Jeudi 20 septembre 2018

La Salpêtrière selon Puryear

L'ŒIL

Le 1 octobre 1999 - 207 mots

Produire une œuvre pour l’espace de la Chapelle de la Salpêtrière est un jeu risqué tant les dimensions et la monumentalité de l’édifice constituent un piège subtil pour toute forme d’art contemporain. Martin Puryear a donc choisi de composer avec la verticalité de la coupole, ce puits central de lumière. La sculpture monumentale qu’il a réalisée à cet effet mesure près de 30 m de hauteur et s’intercale parfaitement dans cette architectonique puissante. Formé aux techniques d’ébénisterie, Martin Puryear s’est fait connaître à la fin des années 60 par une série de sculptures en bois. Les observateurs attentifs n’avaient pas manqué de remarquer dans ces formes suspendues une opposition entre la densité de leur présence et ce vide central, omniprésent, qui indiquait un espace en attente d’occupation.

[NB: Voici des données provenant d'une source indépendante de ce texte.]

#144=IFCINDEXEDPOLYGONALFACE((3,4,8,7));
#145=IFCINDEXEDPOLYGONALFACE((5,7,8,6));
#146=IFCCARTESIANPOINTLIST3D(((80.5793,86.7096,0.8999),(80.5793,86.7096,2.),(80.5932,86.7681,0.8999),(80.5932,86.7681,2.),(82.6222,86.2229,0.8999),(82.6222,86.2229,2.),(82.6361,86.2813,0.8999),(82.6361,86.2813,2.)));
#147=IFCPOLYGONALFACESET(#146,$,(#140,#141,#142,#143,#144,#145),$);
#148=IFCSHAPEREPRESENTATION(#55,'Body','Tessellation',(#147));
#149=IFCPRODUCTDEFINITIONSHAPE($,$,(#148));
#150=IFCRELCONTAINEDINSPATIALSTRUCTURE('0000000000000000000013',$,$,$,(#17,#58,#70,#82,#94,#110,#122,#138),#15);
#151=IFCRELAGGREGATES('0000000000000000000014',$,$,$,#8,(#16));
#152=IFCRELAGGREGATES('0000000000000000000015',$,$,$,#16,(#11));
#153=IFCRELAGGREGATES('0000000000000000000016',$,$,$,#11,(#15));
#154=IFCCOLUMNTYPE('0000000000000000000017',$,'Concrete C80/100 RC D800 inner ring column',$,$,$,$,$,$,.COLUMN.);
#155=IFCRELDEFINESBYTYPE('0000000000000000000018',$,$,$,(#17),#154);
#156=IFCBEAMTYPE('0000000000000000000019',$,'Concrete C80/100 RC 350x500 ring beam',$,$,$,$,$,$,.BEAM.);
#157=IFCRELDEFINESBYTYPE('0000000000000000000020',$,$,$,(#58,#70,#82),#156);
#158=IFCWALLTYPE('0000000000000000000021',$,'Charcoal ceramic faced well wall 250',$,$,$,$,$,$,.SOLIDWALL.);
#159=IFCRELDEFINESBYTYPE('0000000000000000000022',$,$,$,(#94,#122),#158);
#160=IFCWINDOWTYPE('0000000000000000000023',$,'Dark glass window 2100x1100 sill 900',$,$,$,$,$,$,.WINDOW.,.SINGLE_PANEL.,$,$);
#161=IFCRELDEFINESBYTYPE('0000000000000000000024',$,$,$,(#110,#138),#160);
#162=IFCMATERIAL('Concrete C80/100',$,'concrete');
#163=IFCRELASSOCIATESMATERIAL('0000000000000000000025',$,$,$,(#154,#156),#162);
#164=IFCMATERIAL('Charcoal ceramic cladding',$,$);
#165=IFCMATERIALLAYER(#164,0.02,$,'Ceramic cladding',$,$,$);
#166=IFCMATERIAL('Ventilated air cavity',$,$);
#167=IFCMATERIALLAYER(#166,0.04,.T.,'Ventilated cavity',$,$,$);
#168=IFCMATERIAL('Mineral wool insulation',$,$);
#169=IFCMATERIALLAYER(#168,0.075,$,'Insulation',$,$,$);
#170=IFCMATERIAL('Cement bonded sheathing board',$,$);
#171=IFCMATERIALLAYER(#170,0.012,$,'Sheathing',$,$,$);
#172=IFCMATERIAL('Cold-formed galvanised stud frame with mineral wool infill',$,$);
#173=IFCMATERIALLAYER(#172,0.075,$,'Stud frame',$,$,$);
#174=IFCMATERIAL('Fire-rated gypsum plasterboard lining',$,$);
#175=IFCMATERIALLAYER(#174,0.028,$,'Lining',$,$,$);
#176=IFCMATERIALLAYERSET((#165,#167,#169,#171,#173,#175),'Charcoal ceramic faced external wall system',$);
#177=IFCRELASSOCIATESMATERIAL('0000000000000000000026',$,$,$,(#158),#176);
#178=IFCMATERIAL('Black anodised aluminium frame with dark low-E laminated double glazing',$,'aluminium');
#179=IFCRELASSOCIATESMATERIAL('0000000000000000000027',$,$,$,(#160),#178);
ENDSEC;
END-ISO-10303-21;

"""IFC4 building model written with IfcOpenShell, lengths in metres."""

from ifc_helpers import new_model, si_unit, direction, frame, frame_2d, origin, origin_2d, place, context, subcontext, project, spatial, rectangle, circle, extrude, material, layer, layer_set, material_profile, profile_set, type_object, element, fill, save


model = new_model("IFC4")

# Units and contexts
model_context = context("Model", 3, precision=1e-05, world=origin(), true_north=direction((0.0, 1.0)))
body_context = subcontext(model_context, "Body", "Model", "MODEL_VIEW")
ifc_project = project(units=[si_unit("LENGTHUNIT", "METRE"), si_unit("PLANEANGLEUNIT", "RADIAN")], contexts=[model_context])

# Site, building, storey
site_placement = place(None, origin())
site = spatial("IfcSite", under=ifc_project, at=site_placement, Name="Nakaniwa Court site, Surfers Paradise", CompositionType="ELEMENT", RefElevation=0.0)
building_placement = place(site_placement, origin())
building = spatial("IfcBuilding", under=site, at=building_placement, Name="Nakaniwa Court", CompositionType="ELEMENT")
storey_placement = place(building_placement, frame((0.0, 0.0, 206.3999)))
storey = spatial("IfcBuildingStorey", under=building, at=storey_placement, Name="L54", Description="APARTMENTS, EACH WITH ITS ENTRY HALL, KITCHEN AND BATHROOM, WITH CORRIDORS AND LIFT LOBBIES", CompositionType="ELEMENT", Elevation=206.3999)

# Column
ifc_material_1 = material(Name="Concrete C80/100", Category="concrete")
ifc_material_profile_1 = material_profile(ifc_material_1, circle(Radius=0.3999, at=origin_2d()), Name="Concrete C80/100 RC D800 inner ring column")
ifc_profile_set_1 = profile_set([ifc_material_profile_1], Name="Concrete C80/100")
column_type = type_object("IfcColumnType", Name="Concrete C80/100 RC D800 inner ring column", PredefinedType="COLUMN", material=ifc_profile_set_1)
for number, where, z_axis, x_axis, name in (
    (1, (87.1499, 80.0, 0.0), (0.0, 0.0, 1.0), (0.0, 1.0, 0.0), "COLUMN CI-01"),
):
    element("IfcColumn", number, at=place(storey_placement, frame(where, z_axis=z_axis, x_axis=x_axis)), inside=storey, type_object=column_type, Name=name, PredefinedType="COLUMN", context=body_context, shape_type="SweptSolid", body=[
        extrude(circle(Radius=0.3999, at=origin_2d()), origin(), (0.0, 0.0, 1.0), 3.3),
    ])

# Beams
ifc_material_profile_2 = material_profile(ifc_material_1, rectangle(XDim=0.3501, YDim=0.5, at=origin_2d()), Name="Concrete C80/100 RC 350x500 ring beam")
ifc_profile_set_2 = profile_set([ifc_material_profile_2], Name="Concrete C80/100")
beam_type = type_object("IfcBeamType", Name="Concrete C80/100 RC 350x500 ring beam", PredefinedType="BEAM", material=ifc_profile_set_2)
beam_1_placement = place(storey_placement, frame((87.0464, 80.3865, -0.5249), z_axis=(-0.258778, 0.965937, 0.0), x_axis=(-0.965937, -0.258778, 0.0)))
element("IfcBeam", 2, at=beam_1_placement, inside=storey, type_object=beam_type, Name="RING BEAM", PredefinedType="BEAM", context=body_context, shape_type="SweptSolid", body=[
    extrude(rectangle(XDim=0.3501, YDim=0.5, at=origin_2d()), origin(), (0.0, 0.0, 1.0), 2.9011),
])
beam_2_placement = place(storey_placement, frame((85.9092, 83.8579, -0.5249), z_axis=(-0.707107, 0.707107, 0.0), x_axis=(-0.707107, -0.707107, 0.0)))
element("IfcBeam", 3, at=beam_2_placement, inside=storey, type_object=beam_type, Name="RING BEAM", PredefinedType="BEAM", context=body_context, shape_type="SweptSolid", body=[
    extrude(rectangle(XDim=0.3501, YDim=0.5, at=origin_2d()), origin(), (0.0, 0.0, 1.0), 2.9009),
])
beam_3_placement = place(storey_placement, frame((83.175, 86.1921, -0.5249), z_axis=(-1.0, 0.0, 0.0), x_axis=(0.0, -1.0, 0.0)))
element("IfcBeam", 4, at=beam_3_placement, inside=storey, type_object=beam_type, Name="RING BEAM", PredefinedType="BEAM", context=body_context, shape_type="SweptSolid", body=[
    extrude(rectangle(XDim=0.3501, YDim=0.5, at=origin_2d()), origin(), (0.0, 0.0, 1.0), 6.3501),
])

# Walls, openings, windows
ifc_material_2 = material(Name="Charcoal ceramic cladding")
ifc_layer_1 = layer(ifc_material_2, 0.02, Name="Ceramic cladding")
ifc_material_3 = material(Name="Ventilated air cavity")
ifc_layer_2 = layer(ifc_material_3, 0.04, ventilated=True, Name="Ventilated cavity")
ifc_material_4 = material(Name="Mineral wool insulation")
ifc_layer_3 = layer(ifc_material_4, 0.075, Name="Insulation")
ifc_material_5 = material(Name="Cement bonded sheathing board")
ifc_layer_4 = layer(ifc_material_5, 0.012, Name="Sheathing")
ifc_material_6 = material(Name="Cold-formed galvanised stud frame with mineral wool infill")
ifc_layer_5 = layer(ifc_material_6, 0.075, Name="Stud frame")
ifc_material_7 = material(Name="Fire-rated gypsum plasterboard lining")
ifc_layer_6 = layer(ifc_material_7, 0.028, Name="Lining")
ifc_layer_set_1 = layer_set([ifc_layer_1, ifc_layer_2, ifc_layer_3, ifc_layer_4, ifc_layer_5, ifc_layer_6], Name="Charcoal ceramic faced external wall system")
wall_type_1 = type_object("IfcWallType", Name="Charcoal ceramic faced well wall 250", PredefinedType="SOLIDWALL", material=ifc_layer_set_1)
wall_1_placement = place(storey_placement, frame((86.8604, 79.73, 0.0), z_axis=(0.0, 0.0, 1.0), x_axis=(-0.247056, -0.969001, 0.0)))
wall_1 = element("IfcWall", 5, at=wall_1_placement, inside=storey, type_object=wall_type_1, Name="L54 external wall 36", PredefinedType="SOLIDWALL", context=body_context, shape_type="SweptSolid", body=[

Fasciné par les métissages, la fusion entre les cultures, Martin Puryear démontrait alors que chacune de ses pièces pouvait être considérée comme un sanctuaire, un lieu magique à partir duquel le spectateur pouvait retrouver et repenser les grands modèles qui ont forgé sa personnalité. Martin Puryear préfère donc l’anonymat. Il n’est qu’un artisan qui répond à ses propres commandes et propose au public des œuvres à investir avec le corps et l’esprit.

PARIS, Chapelle de la Salpêtrière, jusqu’au 1er novembre.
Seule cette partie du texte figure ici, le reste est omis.